Les adultes au début de la soixantaine passent moins de temps assis et consacrent plus de temps à une activité physique légère ou vigoureuse. Selon une nouvelle étude publiée dans le Journal of American Heart Association et dans le Open Access Journal de l’American Heart Association / American Stroke Association.

Les résultats d'une activité physique accrue se sont révélés particulièrement bons chez les femmes.

L'inactivité physique est un facteur de risque bien connu pour les maladies cardiovasculaires et le décès prématuré d'une maladie cardiovasculaire. L'effet protecteur de l'activité physique est probablement dû en partie à son impact sur les biomarqueurs sanguins qui aident à prédire le risque d'athérosclérose .

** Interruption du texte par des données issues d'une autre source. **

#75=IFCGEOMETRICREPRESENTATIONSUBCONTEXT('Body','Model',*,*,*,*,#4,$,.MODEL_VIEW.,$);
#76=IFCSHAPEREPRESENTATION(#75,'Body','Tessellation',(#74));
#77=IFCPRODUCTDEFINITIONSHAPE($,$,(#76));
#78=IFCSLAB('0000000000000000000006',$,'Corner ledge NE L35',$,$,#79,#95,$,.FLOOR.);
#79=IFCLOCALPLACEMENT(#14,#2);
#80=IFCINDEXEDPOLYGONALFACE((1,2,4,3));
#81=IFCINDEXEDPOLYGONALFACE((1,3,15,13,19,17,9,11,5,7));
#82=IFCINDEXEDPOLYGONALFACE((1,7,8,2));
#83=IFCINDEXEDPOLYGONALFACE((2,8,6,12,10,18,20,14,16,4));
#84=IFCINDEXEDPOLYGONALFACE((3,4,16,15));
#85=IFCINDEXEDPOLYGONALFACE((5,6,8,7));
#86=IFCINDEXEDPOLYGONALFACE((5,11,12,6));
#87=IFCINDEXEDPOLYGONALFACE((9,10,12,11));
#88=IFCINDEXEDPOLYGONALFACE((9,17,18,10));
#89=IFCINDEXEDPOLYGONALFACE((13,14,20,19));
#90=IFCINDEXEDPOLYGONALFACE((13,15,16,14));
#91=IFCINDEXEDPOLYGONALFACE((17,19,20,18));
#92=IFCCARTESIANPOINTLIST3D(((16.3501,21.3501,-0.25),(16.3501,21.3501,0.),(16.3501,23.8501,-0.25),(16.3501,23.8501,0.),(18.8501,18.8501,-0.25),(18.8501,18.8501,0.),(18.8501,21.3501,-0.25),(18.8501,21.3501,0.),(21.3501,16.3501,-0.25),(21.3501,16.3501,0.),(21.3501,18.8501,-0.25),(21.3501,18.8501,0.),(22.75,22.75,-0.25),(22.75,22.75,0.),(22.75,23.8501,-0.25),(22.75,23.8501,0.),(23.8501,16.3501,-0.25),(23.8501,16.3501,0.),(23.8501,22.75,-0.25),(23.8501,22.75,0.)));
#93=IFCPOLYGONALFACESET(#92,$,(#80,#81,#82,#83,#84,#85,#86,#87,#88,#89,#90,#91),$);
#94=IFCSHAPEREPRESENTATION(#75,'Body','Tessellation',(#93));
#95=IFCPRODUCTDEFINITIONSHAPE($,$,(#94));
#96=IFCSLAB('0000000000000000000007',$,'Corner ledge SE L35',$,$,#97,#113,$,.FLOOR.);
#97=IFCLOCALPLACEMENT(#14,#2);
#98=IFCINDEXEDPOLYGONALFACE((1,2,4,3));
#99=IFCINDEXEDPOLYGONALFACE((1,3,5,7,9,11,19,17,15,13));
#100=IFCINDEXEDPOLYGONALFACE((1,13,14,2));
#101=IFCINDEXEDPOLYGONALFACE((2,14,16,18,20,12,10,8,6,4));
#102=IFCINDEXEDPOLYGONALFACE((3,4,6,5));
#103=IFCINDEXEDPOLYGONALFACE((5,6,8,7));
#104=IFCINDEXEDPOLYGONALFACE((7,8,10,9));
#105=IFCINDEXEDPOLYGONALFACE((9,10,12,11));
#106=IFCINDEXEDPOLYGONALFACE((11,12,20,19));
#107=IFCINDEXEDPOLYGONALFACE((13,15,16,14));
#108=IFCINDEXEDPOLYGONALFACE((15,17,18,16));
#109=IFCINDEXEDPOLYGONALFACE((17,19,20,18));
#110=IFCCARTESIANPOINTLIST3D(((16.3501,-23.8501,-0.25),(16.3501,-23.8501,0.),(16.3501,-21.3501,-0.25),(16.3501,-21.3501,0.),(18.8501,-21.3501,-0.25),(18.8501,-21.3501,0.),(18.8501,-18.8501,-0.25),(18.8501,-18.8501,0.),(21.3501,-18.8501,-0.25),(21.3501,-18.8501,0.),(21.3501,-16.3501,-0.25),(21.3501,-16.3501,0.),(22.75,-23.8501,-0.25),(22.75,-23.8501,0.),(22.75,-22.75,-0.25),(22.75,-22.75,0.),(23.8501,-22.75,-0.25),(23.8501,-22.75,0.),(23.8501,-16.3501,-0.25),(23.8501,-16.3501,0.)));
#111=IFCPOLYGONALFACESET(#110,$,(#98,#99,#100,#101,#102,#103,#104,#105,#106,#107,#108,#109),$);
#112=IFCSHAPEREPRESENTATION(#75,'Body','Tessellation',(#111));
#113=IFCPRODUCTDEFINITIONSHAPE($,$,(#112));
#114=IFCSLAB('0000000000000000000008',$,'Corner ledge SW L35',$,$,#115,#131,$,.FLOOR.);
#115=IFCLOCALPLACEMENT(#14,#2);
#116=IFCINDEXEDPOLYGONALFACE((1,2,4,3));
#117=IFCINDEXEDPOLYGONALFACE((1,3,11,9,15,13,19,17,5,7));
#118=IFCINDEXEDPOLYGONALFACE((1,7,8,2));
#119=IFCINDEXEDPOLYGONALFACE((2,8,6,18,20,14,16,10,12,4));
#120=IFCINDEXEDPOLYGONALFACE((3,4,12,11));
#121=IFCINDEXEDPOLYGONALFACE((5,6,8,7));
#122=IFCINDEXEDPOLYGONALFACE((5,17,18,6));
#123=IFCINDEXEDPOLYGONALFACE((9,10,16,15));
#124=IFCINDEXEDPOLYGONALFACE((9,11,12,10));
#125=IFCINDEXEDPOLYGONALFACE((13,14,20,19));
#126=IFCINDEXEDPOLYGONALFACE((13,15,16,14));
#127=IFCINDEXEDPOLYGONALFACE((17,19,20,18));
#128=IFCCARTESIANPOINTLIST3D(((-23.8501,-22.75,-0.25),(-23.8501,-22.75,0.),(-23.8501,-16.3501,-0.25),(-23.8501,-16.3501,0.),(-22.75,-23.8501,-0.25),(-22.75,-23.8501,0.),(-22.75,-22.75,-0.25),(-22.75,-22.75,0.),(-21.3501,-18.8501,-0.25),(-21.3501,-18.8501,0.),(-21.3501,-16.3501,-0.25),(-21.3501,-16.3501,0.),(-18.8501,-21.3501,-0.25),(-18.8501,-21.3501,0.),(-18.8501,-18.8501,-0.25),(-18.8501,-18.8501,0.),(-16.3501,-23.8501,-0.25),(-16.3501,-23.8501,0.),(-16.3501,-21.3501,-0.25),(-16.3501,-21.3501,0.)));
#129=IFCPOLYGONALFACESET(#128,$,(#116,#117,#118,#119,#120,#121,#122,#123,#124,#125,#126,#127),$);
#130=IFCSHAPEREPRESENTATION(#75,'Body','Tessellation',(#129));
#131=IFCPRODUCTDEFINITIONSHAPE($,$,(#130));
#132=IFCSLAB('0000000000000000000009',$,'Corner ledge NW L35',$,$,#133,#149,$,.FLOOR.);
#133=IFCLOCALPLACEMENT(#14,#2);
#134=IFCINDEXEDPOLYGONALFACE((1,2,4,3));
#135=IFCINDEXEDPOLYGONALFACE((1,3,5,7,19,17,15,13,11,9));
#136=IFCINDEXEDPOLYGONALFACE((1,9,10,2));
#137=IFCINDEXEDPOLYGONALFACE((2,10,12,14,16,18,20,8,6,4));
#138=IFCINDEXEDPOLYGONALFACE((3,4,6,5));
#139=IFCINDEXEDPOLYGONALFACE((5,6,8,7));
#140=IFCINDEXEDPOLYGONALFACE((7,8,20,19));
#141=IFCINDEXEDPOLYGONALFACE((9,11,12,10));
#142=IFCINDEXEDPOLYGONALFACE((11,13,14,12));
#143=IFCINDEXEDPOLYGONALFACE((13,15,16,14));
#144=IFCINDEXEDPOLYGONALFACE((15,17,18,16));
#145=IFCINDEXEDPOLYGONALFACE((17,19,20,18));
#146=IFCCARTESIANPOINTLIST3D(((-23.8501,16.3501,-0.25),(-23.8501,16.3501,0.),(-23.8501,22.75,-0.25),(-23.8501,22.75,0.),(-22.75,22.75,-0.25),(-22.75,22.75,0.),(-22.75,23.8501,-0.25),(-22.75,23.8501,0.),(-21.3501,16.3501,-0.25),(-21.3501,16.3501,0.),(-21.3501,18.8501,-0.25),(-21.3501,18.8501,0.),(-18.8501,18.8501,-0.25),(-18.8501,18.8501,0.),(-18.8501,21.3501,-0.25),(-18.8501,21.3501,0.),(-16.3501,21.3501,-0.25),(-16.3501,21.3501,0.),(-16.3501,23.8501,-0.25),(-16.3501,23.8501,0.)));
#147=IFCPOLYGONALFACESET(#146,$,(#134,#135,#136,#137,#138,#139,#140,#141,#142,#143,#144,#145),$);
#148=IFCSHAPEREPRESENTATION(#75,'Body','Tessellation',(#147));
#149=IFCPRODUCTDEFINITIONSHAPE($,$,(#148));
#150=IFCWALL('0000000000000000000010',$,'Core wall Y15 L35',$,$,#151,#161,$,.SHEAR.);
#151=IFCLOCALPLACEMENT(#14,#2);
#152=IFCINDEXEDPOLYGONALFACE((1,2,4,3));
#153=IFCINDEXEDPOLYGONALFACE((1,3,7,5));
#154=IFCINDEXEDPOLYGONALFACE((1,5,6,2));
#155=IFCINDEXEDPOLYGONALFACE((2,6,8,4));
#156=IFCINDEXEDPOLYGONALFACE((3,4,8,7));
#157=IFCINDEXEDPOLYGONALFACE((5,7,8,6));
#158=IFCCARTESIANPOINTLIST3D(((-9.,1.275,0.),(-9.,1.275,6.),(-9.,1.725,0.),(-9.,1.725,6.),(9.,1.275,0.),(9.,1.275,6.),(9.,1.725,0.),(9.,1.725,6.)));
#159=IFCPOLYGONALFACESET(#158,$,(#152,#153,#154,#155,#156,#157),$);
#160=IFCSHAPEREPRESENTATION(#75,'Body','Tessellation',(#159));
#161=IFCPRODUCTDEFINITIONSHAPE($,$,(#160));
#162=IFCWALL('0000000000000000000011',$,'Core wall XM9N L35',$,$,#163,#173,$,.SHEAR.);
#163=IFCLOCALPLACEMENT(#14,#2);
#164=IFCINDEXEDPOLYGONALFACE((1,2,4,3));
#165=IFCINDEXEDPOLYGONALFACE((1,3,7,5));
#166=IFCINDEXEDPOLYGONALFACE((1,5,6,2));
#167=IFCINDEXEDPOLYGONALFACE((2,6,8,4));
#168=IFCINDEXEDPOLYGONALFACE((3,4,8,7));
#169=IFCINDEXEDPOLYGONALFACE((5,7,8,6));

«La tranche d'âge des 60 à 64 ans représente une transition importante entre le travail et la retraite, lorsque les comportements ont tendance à changer», a déclaré Ahmed Elhakeem, Associé en épidémiologie à la Bristol Medical School, Université de Bristol. "Il peut donc être une opportunité de promouvoir une activité physique accrue.

"De plus, le risque de maladie cardiovasculaire est plus élevé chez les personnes âgées. Il est important de comprendre comment l'activité peut influencer le risque dans ce groupe d'âge ", a déclaré Elhakeem. "Nous avons trouvé important de remplacer le temps passé dans la sédentarité par un niveau d’activité quelconque."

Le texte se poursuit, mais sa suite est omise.